L’Europa è nata dagli orrori della seconda guerra mondiale, provocati dall’uomo.
Sognata da intellettuali visionari, Mazzini fu tra questi, Spinelli, Colorni, Hirschman e Rossi razionalizzarono il sogno, grandi leader europei le dettero vita: Adenauer, Schuman, Delors, De Gasperi. Morti senza eredi?
Ricostruire sistemi economici distrutti e valori di civiltà devastati oltre ogni limite fu l’obiettivo.

L’economia non era l’unico scopo, non poteva esserlo in un sistema basato sulla fiducia reciproca che, inesorabilmente, ne costituisce il fondamento come anche i più freddi economisti insegnano. Le aspettative creano realtà (Keynes), anche nella dimensione poco romantica del denaro.
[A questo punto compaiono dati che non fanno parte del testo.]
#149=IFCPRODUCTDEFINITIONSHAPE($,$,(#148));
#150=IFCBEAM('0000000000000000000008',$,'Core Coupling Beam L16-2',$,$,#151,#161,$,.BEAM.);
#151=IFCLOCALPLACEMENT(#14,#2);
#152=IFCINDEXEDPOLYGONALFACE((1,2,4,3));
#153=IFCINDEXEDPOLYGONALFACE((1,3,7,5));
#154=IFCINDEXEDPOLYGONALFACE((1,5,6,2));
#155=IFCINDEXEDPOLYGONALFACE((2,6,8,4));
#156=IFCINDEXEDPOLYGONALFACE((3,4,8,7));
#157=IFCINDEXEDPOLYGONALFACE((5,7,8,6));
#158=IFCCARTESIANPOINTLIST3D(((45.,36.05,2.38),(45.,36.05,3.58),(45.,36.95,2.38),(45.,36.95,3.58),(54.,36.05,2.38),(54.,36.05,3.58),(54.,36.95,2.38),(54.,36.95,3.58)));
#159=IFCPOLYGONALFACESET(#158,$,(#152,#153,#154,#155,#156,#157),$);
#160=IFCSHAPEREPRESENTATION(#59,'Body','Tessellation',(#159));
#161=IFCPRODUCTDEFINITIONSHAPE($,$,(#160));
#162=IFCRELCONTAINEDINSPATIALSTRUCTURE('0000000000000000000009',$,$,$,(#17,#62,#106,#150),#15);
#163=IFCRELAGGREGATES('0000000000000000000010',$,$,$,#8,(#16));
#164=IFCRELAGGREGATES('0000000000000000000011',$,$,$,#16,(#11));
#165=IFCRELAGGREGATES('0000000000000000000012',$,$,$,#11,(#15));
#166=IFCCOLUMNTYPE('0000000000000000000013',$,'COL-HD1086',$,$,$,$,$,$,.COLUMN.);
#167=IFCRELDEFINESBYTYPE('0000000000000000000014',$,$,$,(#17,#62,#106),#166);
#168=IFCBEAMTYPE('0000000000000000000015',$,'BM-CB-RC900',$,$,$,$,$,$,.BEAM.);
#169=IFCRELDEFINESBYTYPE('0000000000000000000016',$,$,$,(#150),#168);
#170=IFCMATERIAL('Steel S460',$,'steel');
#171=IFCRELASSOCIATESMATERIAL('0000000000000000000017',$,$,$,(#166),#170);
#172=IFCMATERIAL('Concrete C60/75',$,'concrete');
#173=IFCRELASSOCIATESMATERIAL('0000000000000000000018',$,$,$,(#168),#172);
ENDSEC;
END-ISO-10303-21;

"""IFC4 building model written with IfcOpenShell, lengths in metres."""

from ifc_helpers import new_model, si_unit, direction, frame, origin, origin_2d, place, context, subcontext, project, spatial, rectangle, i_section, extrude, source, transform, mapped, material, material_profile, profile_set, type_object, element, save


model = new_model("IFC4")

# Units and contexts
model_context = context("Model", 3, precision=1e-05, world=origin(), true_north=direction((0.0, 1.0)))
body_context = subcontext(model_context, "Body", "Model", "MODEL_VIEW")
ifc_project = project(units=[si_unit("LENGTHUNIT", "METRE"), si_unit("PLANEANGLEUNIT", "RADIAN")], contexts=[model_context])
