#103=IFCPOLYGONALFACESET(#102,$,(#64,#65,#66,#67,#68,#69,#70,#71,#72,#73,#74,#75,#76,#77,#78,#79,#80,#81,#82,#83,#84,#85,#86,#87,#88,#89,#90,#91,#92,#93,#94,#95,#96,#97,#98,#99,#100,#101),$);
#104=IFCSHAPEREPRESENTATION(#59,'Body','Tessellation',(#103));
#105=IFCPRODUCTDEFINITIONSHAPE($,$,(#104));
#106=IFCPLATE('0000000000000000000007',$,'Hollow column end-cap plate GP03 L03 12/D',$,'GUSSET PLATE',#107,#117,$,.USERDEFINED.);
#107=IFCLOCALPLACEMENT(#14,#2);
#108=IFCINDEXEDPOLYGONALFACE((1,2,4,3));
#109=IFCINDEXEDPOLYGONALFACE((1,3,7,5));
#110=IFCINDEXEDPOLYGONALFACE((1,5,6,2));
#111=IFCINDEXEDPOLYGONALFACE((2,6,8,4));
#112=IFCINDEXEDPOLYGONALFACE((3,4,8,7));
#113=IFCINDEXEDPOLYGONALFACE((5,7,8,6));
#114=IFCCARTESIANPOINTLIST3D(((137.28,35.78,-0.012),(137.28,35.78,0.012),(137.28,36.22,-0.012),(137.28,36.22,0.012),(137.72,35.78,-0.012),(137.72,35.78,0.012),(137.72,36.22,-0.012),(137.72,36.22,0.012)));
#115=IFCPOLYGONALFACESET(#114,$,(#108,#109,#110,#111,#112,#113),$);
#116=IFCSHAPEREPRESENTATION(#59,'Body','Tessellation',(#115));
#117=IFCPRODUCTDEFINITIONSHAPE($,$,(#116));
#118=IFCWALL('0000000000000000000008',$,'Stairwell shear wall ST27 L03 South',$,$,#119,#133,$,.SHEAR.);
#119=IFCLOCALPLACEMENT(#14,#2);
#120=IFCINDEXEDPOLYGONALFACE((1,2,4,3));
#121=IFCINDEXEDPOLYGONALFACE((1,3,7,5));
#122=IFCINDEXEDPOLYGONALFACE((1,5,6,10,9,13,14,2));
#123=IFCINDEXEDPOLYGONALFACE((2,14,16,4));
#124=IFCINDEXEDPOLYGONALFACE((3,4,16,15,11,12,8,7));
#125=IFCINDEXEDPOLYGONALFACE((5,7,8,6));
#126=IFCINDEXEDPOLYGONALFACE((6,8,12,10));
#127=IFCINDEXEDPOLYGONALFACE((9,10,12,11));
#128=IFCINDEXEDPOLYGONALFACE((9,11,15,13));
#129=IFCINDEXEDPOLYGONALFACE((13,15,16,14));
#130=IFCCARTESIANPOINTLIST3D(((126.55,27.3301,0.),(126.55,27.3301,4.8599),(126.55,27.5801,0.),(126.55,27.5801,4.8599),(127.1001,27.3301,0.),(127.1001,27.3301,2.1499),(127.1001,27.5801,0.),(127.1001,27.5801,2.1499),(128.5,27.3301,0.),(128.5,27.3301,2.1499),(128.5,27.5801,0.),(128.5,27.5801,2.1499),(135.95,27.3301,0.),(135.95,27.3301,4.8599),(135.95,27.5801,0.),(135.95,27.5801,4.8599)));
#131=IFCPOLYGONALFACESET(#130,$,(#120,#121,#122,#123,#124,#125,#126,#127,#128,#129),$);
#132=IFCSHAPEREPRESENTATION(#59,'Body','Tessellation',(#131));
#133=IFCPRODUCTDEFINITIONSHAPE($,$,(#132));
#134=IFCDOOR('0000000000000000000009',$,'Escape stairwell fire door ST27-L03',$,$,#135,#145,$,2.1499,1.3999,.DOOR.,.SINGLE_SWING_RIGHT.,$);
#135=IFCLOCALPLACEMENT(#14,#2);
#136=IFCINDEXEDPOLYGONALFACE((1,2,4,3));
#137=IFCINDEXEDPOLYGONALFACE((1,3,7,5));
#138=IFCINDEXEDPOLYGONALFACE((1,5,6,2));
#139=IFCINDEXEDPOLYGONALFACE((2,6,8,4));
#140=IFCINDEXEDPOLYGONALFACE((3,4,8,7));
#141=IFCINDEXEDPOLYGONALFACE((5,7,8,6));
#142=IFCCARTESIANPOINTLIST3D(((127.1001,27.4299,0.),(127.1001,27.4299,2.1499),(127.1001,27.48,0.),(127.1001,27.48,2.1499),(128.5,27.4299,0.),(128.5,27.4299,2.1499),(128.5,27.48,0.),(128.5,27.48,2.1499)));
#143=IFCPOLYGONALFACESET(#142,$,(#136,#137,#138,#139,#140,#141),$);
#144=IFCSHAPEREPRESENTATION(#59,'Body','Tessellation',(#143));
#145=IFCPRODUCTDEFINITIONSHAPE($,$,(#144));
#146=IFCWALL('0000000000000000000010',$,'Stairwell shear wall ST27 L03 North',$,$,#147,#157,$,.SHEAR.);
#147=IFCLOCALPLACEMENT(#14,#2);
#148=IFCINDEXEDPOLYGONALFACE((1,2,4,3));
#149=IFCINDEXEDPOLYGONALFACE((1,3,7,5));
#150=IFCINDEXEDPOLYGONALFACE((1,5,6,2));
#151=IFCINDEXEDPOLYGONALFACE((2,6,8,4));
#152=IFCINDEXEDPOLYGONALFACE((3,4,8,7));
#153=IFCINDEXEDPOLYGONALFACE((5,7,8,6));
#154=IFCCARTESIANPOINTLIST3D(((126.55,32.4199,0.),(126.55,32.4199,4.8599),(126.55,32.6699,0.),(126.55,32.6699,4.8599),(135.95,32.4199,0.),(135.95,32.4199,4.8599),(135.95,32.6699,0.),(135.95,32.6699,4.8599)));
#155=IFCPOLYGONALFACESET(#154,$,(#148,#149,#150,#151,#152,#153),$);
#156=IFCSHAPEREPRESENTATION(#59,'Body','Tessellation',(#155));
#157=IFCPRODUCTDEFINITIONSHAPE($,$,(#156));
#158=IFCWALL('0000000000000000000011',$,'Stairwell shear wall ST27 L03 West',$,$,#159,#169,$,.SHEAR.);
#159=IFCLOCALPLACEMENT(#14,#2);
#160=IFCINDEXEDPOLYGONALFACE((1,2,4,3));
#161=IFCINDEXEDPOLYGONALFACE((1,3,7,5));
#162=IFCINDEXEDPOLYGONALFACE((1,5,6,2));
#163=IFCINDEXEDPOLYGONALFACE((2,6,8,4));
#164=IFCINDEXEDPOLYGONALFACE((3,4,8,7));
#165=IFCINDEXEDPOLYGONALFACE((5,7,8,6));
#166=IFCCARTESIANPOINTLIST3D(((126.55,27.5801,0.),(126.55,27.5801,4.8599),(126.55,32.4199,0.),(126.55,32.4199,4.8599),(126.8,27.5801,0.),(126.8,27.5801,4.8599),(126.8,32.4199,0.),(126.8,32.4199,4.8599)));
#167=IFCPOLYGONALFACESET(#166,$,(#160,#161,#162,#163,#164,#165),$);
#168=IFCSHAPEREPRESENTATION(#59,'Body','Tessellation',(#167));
La prima guerra mondiale del terzo millennio è in corso. Non è causata direttamente dall’uomo, provoca orrori di diversa e meno cruenta natura ma genera ansia e paure ancor più subdole e diffuse, non consentendo di vedere il nemico, se non negli effetti che produce, né la fine del percorso, colpisce potenzialmente tutti senza distinzioni di censo, religione o nazionalità, potrà avere effetti economici e sociali ancor più devastanti di quelli provocati dalle guerre dello scorso secolo.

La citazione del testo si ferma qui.